Le chef du parti socialiste progressiste avait concentré ses
critiques au gouvernement, disant que “sa gestion était défectueuse,
la politique d’austérité suivie ayant appauvri le pays et
les gens”, avant d’ajouter: “L’austérité est appliquée
sur tout, sauf sur les organismes sécuritaires, la science des chiffres
étant celle du mensonge”...
Aussi, les commissions parlementaires ont-elles été renouvelées
sans aucun changement, une nouvelle commission - celle de l’Environnement
- ayant été constituée sous la présidence d’un
député membre du PSP.
Cela prouve que la tension ayant caractérisé, dernièrement,
les rapports entre le gouvernement et la Chambre des députés,
s’est estompée, preuve en est que le projet sur l’enrichissement
illicite, renvoyé aux commissions, a été examiné
dans une atmosphère décontractée.
Le président Nabih Berri a infirmé, indirectement, les
rumeurs selon lesquelles il agirait en vue de torpiller ce projet, en convoquant
les commissions qualifiées dès lundi dernier, en dépit
de son départ en visite officielle pour la Pologne et la Bulgarie.
Cette visite a, dit-on, donné des résultats positifs,
des accords bilatéraux ayant été parafés entre
les deux pays. Le chef du Législatif était accompagné
de son épouse et de trois parlementaires: MM. Talal Arslan, Sebouh
Hovnanian et Elias el-Khazen; de deux fonctionnaires du parlement: Bilal
Charara et Charles Khoury, en plus d’une délégation médiatique.
Le président Berri qui a conféré avec les hauts
responsables polonais et bulgares, a rappelé dans ses discours les
constantes libanaises, telles les suivantes: “Le Liban et la Syrie veulent
une paix juste et globale à cent pour cent... Nous soutenons l’opération
de paix et la Résistance, celle-ci étant la conséquence
de l’occupation israélienne.
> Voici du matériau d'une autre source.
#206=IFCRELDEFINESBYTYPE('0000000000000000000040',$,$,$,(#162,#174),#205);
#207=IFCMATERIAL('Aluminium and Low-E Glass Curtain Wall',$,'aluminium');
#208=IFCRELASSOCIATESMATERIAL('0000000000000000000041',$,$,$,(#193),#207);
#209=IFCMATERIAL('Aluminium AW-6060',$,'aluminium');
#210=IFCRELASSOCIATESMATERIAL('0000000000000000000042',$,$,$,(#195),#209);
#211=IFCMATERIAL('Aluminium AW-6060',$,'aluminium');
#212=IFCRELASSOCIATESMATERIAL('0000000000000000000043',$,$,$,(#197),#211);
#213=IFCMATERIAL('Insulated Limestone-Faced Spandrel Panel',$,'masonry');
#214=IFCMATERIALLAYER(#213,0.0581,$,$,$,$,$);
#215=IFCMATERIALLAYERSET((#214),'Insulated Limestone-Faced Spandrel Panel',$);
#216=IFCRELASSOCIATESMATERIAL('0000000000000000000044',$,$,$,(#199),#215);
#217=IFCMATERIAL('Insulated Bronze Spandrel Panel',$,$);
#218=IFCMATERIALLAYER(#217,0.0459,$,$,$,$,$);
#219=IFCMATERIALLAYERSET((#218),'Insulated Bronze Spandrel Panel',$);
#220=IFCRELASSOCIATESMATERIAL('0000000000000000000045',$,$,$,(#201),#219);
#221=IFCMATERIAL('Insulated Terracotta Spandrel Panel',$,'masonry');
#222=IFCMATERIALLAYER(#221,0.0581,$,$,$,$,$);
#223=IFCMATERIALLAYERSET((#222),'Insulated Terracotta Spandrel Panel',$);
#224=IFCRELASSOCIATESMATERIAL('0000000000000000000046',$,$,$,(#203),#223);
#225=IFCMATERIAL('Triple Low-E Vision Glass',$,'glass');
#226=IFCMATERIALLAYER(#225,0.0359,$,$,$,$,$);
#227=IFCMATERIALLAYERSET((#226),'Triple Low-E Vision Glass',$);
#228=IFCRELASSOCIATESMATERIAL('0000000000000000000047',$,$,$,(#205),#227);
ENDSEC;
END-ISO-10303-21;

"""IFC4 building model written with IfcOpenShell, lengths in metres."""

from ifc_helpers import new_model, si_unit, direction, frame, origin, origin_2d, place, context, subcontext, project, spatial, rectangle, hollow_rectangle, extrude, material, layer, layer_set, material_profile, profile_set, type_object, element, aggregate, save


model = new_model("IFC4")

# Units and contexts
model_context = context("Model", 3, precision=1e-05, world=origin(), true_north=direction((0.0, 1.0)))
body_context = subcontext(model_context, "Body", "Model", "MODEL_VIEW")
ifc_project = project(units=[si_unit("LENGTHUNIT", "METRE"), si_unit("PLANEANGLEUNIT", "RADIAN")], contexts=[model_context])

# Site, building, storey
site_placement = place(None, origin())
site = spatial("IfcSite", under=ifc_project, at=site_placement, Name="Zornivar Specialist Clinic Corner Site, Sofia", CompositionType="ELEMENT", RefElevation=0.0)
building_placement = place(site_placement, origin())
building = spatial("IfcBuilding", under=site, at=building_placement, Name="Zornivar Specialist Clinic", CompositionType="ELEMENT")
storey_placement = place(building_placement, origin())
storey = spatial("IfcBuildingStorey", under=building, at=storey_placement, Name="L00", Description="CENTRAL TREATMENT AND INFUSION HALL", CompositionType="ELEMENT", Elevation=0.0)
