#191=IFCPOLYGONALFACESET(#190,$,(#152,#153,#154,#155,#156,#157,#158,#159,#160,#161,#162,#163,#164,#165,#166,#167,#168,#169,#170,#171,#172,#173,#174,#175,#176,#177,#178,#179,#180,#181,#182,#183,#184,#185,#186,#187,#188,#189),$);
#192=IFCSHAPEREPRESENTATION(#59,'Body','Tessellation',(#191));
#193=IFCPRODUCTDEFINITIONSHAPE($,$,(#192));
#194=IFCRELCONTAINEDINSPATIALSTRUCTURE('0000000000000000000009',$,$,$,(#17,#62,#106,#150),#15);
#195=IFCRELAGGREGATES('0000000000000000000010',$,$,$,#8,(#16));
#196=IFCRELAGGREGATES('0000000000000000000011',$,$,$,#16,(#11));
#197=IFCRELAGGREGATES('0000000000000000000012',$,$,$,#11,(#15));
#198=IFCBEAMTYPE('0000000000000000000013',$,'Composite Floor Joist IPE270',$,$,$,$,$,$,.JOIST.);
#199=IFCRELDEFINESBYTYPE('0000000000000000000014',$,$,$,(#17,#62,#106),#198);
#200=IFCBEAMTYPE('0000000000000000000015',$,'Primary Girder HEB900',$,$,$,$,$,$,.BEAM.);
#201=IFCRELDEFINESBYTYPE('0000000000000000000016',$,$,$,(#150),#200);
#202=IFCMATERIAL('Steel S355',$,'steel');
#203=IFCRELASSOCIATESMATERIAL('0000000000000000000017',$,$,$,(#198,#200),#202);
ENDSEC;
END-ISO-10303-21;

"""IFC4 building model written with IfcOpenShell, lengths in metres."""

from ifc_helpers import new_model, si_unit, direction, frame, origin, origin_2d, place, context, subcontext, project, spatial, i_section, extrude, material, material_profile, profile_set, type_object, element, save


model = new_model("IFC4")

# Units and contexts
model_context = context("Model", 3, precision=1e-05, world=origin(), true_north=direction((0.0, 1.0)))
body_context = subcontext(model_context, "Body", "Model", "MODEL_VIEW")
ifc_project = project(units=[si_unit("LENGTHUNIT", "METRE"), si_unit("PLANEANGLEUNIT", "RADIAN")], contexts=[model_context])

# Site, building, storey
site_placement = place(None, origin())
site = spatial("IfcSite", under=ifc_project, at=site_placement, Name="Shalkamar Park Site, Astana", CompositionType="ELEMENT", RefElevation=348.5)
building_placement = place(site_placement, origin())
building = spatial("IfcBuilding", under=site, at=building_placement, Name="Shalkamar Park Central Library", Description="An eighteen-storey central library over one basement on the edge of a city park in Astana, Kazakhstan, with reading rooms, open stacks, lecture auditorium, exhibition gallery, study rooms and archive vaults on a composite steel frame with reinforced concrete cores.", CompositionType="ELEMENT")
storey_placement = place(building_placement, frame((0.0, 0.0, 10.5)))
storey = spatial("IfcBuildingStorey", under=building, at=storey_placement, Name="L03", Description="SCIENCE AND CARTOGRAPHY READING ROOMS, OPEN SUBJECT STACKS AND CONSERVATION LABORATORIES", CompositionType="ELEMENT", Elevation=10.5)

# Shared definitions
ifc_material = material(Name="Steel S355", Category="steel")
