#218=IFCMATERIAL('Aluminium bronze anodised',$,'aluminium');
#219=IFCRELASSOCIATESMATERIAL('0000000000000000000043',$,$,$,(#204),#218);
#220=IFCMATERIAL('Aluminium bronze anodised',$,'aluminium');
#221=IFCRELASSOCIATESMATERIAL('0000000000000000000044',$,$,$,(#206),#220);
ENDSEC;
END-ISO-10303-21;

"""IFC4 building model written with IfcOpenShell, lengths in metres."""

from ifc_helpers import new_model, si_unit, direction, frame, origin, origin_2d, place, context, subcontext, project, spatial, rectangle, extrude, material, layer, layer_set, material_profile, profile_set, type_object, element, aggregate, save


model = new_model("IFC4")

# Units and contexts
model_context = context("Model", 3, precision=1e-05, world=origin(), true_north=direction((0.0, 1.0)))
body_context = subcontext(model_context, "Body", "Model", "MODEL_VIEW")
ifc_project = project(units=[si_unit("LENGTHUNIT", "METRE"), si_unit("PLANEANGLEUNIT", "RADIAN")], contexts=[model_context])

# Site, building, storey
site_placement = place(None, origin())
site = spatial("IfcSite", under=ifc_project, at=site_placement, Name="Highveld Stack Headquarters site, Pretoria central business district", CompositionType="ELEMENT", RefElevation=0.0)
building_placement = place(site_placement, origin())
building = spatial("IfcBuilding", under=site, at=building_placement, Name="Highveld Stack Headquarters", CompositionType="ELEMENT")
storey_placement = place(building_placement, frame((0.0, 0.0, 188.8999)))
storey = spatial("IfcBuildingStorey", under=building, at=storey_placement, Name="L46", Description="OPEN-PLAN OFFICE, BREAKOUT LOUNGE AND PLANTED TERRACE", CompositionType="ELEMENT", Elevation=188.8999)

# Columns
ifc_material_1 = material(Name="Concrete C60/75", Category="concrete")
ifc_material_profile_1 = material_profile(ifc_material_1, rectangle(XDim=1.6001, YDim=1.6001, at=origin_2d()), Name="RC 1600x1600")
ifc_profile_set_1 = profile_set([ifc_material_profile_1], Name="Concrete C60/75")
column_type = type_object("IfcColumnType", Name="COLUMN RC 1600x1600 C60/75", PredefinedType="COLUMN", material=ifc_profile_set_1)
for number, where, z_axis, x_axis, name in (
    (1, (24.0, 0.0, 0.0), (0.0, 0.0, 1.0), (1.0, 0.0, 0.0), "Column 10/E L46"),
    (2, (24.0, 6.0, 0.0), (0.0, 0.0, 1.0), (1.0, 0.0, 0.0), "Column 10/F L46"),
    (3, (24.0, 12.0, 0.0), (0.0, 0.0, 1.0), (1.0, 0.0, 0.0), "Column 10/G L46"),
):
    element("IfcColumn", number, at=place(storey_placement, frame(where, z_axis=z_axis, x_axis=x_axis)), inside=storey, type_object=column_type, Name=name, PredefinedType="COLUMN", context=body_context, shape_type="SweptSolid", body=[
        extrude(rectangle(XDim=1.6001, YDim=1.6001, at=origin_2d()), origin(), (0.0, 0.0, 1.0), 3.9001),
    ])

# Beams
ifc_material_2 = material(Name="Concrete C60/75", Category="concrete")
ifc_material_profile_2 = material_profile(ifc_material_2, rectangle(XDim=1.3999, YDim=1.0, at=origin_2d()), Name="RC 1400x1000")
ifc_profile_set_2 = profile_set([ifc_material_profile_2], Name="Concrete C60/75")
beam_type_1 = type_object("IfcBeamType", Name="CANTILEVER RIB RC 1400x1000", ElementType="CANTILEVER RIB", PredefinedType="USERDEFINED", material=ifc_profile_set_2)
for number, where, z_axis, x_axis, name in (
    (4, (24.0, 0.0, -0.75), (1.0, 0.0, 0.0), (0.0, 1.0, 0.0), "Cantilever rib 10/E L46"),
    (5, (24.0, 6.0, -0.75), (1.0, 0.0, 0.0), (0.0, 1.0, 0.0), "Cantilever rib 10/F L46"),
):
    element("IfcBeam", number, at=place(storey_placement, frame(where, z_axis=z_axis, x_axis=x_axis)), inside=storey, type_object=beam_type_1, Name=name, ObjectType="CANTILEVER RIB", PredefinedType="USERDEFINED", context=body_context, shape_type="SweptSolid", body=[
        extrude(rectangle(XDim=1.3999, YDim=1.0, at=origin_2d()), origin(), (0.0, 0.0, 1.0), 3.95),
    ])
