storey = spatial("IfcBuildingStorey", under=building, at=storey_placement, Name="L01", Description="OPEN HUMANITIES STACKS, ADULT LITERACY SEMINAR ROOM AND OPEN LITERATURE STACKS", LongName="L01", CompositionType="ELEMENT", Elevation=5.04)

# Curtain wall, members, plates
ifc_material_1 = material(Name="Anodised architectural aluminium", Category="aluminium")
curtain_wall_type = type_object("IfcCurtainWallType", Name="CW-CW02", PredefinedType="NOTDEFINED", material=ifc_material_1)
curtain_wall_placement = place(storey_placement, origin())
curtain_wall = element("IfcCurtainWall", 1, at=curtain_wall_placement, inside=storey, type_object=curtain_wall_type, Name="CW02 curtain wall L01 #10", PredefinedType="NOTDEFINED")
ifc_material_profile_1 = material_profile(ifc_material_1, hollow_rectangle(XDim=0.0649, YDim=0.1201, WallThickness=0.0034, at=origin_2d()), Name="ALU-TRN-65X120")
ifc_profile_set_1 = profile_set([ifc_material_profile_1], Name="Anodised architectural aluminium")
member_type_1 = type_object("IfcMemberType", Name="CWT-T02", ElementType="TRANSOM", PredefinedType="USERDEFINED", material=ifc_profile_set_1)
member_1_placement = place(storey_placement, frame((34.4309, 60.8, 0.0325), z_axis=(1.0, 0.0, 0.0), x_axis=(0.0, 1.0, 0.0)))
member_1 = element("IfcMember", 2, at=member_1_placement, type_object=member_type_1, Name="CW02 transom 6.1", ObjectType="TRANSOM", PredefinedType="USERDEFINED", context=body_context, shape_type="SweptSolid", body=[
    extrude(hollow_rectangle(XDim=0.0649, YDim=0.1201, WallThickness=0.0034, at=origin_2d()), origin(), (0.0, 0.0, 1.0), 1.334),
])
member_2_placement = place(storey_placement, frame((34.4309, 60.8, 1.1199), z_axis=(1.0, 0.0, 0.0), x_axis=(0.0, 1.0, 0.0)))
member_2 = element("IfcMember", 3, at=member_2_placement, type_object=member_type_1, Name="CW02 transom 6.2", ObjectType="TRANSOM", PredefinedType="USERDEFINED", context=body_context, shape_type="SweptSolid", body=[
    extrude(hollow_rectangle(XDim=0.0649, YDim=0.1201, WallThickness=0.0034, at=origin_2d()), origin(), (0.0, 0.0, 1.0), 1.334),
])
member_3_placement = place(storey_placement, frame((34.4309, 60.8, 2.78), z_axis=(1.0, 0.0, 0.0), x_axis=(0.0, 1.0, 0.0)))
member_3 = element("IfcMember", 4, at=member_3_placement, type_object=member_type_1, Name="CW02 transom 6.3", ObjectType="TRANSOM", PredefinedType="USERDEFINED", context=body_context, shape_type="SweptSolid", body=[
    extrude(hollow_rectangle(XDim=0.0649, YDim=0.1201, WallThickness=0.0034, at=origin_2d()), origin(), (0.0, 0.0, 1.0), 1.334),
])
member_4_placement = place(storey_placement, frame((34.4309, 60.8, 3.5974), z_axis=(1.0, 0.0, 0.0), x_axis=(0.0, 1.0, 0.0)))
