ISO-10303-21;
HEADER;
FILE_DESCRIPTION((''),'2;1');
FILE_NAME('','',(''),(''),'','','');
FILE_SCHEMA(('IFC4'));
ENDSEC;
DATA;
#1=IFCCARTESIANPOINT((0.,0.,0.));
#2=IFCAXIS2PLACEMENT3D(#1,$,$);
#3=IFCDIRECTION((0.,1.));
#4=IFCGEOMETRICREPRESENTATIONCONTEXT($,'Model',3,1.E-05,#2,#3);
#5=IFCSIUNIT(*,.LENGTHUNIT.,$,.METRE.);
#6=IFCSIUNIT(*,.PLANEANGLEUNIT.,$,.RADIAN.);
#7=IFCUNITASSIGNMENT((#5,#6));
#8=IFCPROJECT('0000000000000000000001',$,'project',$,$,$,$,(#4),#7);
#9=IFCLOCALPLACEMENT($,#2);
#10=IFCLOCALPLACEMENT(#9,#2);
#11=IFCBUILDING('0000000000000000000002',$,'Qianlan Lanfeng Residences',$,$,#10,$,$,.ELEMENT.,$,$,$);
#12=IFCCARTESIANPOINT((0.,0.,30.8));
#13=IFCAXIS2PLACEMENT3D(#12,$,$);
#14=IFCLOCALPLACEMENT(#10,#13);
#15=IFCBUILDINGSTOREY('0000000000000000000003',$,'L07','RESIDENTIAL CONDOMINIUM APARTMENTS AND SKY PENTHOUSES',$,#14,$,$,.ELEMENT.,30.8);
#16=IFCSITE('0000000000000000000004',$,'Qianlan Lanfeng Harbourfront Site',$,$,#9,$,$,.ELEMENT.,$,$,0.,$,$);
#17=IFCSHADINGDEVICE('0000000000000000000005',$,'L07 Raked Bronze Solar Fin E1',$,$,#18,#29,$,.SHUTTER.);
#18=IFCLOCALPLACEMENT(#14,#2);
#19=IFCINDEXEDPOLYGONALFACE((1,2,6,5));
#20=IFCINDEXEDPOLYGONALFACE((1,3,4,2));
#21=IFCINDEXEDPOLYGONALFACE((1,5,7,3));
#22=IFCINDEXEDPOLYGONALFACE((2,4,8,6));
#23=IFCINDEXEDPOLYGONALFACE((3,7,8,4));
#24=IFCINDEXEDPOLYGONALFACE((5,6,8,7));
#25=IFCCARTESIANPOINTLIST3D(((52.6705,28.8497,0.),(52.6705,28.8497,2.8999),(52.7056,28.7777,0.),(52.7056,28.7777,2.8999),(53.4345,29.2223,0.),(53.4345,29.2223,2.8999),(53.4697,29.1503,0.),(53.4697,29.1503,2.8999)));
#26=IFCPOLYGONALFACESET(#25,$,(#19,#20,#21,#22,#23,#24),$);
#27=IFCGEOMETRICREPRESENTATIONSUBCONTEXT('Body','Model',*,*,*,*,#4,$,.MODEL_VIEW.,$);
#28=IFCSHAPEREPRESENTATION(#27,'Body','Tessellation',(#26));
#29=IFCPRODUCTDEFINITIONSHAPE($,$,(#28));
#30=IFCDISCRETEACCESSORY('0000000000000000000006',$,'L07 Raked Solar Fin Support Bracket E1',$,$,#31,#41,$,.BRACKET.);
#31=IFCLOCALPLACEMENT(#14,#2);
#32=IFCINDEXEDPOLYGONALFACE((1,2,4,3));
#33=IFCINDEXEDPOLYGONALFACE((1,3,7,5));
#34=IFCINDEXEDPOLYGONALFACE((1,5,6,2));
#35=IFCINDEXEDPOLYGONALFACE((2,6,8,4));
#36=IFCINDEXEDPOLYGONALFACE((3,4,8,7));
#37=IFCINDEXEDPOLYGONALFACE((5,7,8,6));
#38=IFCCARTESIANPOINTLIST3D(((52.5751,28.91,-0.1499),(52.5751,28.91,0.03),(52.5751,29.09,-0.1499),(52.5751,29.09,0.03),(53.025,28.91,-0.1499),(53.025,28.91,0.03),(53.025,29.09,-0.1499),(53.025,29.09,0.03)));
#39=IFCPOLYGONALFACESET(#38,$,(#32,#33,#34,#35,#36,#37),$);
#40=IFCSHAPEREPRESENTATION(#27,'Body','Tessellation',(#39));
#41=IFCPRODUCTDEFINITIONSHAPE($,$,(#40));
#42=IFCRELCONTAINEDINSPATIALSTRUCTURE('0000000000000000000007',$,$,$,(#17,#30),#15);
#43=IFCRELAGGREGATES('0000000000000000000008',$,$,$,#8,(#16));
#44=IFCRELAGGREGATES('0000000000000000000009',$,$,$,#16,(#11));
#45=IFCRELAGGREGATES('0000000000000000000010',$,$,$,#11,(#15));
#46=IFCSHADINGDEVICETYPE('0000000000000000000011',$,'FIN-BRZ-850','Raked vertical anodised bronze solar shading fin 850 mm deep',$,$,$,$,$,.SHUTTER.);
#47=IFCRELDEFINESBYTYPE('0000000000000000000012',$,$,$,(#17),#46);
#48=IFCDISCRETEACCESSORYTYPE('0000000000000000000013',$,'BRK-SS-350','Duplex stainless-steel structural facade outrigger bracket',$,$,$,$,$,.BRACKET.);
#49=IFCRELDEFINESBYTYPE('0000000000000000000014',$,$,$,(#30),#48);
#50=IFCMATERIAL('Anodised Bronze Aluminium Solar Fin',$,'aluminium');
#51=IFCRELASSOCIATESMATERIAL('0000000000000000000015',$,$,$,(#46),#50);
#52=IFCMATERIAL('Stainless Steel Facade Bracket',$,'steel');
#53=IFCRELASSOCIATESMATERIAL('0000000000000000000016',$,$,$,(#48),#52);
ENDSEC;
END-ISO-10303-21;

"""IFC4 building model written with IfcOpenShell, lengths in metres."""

from ifc_helpers import new_model, si_unit, direction, frame, origin, origin_2d, place, context, subcontext, project, spatial, rectangle, extrude, source, transform, mapped, material, type_object, element, save


model = new_model("IFC4")

# Units and contexts
model_context = context("Model", 3, precision=1e-05, world=origin(), true_north=direction((0.0, 1.0)))
body_context = subcontext(model_context, "Body", "Model", "MODEL_VIEW")
ifc_project = project(units=[si_unit("LENGTHUNIT", "METRE"), si_unit("PLANEANGLEUNIT", "RADIAN")], contexts=[model_context])

# Site, building, storey
site_placement = place(None, origin())
site = spatial("IfcSite", under=ifc_project, at=site_placement, Name="Qianlan Lanfeng Harbourfront Site", CompositionType="ELEMENT", RefElevation=0.0)
building_placement = place(site_placement, origin())
building = spatial("IfcBuilding", under=site, at=building_placement, Name="Qianlan Lanfeng Residences", CompositionType="ELEMENT")
storey_placement = place(building_placement, frame((0.0, 0.0, 30.8)))
storey = spatial("IfcBuildingStorey", under=building, at=storey_placement, Name="L07", Description="RESIDENTIAL CONDOMINIUM APARTMENTS AND SKY PENTHOUSES", CompositionType="ELEMENT", Elevation=30.8)

# Shading device
ifc_material_1 = material(Name="Anodised Bronze Aluminium Solar Fin", Category="aluminium")
shading_device_type = type_object("IfcShadingDeviceType", Name="FIN-BRZ-850", Description="Raked vertical anodised bronze solar shading fin 850 mm deep", PredefinedType="SHUTTER", material=ifc_material_1)
shared_shape_1 = source(origin(), body_context, "Body", "SweptSolid", [
    extrude(rectangle(XDim=0.8501, YDim=0.0801, at=origin_2d()), origin(), (0.0, 0.0, 1.0), 2.8999),
])
shading_device_placement = place(storey_placement, frame((53.0701, 29.0, 0.0), z_axis=(0.0, 0.0, 1.0), x_axis=(0.898794, 0.438371, 0.0)))
element("IfcShadingDevice", 1, at=shading_device_placement, inside=storey, type_object=shading_device_type, Name="L07 Raked Bronze Solar Fin E1", PredefinedType="SHUTTER", context=body_context, shape_type="MappedRepresentation", body=[
    mapped(shared_shape_1, transform((0.0, 0.0, 0.0), scale=1.0)),
])

# Discrete accessory
ifc_material_2 = material(Name="Stainless Steel Facade Bracket", Category="steel")
discrete_accessory_type = type_object("IfcDiscreteAccessoryType", Name="BRK-SS-350", Description="Duplex stainless-steel structural facade outrigger bracket", PredefinedType="BRACKET", material=ifc_material_2)
shared_shape_2 = source(origin(), body_context, "Body", "SweptSolid", [
    extrude(rectangle(XDim=0.45, YDim=0.1799, at=origin_2d()), origin(), (0.0, 0.0, 1.0), 0.1799),
])
discrete_accessory_placement = place(storey_placement, frame((52.8, 29.0, -0.1499), z_axis=(0.0, 0.0, 1.0), x_axis=(1.0, 0.0, 0.0)))
element("IfcDiscreteAccessory", 2, at=discrete_accessory_placement, inside=storey, type_object=discrete_accessory_type, Name="L07 Raked Solar Fin Support Bracket E1", PredefinedType="BRACKET", context=body_context, shape_type="MappedRepresentation", body=[
    mapped(shared_shape_2, transform((0.0, 0.0, 0.0), scale=1.0)),
])

save(model, "model.ifc")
Le Liban est en mesure de jouer un
rôle actif entre l’Europe et le monde arabe... Quant à Barak,
il ne diffère pas de son prédécesseur”.
M. Berri a émis le souhait de voir la Pologne et la Bulgarie
renforcer leurs relations avec le Liban dans tous les domaines, avant d’ajouter:
“Les vieilles amitiés durent plus que les nouvelles” allusion à
peine voilée à l’intention prêtée à certains
Etats de l’Est de vouloir se rapprocher de l’Europe, de l’OTAN et de prendre
leur distance des pays arabes.
Fait à signaler: le président de la Chambre a transmis
au chef de l’Etat polonais un message personnel du président Lahoud,
traitant des relations bilatérales et des moyens à mettre
en œuvre pour les raffermir davantage.
QUID DES NOMINATIONS?
Sur un autre plan, il importe de signaler les nouvelles nominations
opérées par le Conseil des ministres, qui semblent devoir
être suivies d’autres dans les prochaines semaines.
Ceci indique que les organismes de contrôle ont mis au point
leur rapport, sur base duquel le gouvernement reprendra la réforme
administrative, dans l’idée de la terminer à la fin de l’année
courante, en adoptant le principe de la rotation des fonctions de la première
catégorie.
Par ailleurs, la concertation se poursuit entre les responsables libanais
et syriens autour de la conjoncture régionale et locale, celle-ci
ayant été marquée par une rencontre entre le président
Hussein Husseini et le Dr Bachar Assad, après celle ayant réuni
précédemment le fils du président Assad et M. Tammam
Salam, député de Beyrouth. On s’attend qu’il confère
avec d’autres personnalités libanaises dans les jours à venir.
En ce qui concerne la nouvelle loi électorale et malgré
la promesse qu’elle sera élaborée avant la fin de l’année,
il semble qu’une décision à ce sujet dépend d’un consensus
national qui est loin de se réaliser, le découpage des circonscriptions
constituant le principal, voire l’unique, obstacle à aplanir.
En tout cas, osn attend la rentrée du président Berri
pour que l’Assemblée tranche des dossiers chauds, tels ceux de l’enrichissement
illicite et de la levée de l’immunité couvrant M. Habib Hakim,
député du Metn, avant d’entamer le débat budgétaire.